Lesen in Mitteldeutschland


So. Ich habe es hinter mir. Die erste Lesung. Sollte ja eigentlich für einen Lehrer kein Problem sein. Denkt man. Aber leider kann ich ja so dermaßen gaaaar nicht gut Lesen. Rechtschreibung kann ich nicht , Kommaregeln kann ich nicht und Mathe auch nicht. Erdkunde geht und Englisch ist ganz gut. Aber Vorlesen – konnte ich nie, hab ich nie geübt und deshalb kann ich das gar nicht.

Und trotzdem sage ich am Telefon: „Ach so. 50-60 Minuten Vorlesen und dann Fragen beantworten – kein Problem.“ und dann bekomme ich die guten Ratschläge in meiner Umgebung: „Übe doch einfach mal zu lesen.“ Üben??????

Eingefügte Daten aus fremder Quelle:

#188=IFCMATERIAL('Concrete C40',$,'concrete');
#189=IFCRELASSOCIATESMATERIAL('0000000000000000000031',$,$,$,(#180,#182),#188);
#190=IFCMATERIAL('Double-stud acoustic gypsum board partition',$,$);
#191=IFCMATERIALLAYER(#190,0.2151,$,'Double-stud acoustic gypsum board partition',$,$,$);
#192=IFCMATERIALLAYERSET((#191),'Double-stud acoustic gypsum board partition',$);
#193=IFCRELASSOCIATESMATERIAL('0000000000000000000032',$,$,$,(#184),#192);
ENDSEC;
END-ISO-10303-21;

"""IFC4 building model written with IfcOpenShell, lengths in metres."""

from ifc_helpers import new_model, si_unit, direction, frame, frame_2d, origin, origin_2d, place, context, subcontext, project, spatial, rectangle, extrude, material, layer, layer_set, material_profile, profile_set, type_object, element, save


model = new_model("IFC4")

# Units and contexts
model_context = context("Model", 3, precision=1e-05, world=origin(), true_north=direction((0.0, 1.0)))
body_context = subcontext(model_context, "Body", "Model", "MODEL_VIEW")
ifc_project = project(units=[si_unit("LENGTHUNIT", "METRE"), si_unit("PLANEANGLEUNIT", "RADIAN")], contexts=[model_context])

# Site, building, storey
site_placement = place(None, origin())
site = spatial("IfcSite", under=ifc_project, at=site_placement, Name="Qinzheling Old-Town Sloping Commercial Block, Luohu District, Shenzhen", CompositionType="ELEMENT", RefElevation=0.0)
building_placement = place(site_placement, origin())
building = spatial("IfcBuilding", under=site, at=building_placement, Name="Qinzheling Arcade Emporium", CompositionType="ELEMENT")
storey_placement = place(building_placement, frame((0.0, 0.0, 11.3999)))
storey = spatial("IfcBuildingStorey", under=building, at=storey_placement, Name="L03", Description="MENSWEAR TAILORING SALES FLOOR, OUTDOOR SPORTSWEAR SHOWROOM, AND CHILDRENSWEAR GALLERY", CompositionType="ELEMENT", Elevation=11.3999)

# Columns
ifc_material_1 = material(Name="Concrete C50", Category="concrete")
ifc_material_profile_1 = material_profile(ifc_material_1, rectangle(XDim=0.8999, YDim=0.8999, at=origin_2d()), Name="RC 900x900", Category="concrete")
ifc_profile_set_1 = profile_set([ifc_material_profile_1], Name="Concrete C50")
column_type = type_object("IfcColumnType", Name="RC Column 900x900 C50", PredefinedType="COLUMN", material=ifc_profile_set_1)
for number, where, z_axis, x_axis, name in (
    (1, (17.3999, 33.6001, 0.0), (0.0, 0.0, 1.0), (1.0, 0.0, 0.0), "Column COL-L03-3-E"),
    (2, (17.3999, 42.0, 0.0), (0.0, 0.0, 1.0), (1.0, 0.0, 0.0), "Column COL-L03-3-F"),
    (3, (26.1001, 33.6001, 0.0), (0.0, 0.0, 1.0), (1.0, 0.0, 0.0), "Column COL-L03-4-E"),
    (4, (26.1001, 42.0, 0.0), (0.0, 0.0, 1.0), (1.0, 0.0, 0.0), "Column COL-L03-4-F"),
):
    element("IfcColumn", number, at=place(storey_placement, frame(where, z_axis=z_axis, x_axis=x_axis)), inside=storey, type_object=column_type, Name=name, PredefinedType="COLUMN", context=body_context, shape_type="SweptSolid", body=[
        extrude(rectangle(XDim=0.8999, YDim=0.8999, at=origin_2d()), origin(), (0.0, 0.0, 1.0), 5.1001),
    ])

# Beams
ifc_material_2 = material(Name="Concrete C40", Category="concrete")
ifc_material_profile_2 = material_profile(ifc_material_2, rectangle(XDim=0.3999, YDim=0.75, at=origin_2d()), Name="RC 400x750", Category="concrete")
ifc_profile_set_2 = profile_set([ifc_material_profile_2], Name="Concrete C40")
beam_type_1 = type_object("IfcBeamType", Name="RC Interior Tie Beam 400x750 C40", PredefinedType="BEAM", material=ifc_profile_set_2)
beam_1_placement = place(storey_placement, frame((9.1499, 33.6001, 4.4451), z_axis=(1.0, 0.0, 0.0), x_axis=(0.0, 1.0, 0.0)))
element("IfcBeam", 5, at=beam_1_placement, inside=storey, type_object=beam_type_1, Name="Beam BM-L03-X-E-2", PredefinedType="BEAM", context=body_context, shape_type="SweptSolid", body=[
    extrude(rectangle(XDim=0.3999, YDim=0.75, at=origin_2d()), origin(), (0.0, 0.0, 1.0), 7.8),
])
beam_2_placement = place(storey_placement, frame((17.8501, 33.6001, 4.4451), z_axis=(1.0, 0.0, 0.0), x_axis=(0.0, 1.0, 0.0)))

Irgendwie war dafür keine Zeit. Ich hatte es gerade noch geschafft, mir die Texte rauszusuchen, die ich vorlesen wollte. Üben ging echt nicht mehr. Ich kenne die Texte jetzt auch schon so gut, dass ich da wahrscheinlich die Lust dran verliere, wenn ich da zu viel draufgucke. Also unvorbereitet, wie in den Unterricht zur ersten Lesung meines Lebens. Auf nach Mitteldeutschland. Frl. Krise natürlich mit dabei. „Ich frage mal ob du mitmachen kannst. Dann lesen wir abwechselnd“ sage ich im Auto. „Hmmm.“ Frl. Krise sagt gar nichts dazu. Das ist für sie kein Problem. Ach, da ein paar Texte vorlesen – das gehört doch zu ihren leichtesten Übungen. Die ist echt cool. Oder eiskalt – wie man es nimmt. „Bist du aufgeregt?“ fragt sie, ohne den Blick von der Straße zu nehmen. „Irgendwie nicht.“ Wir sind zeitig losgefahren und haben Stunden Zeit bis zum Veranstaltungsbeginn.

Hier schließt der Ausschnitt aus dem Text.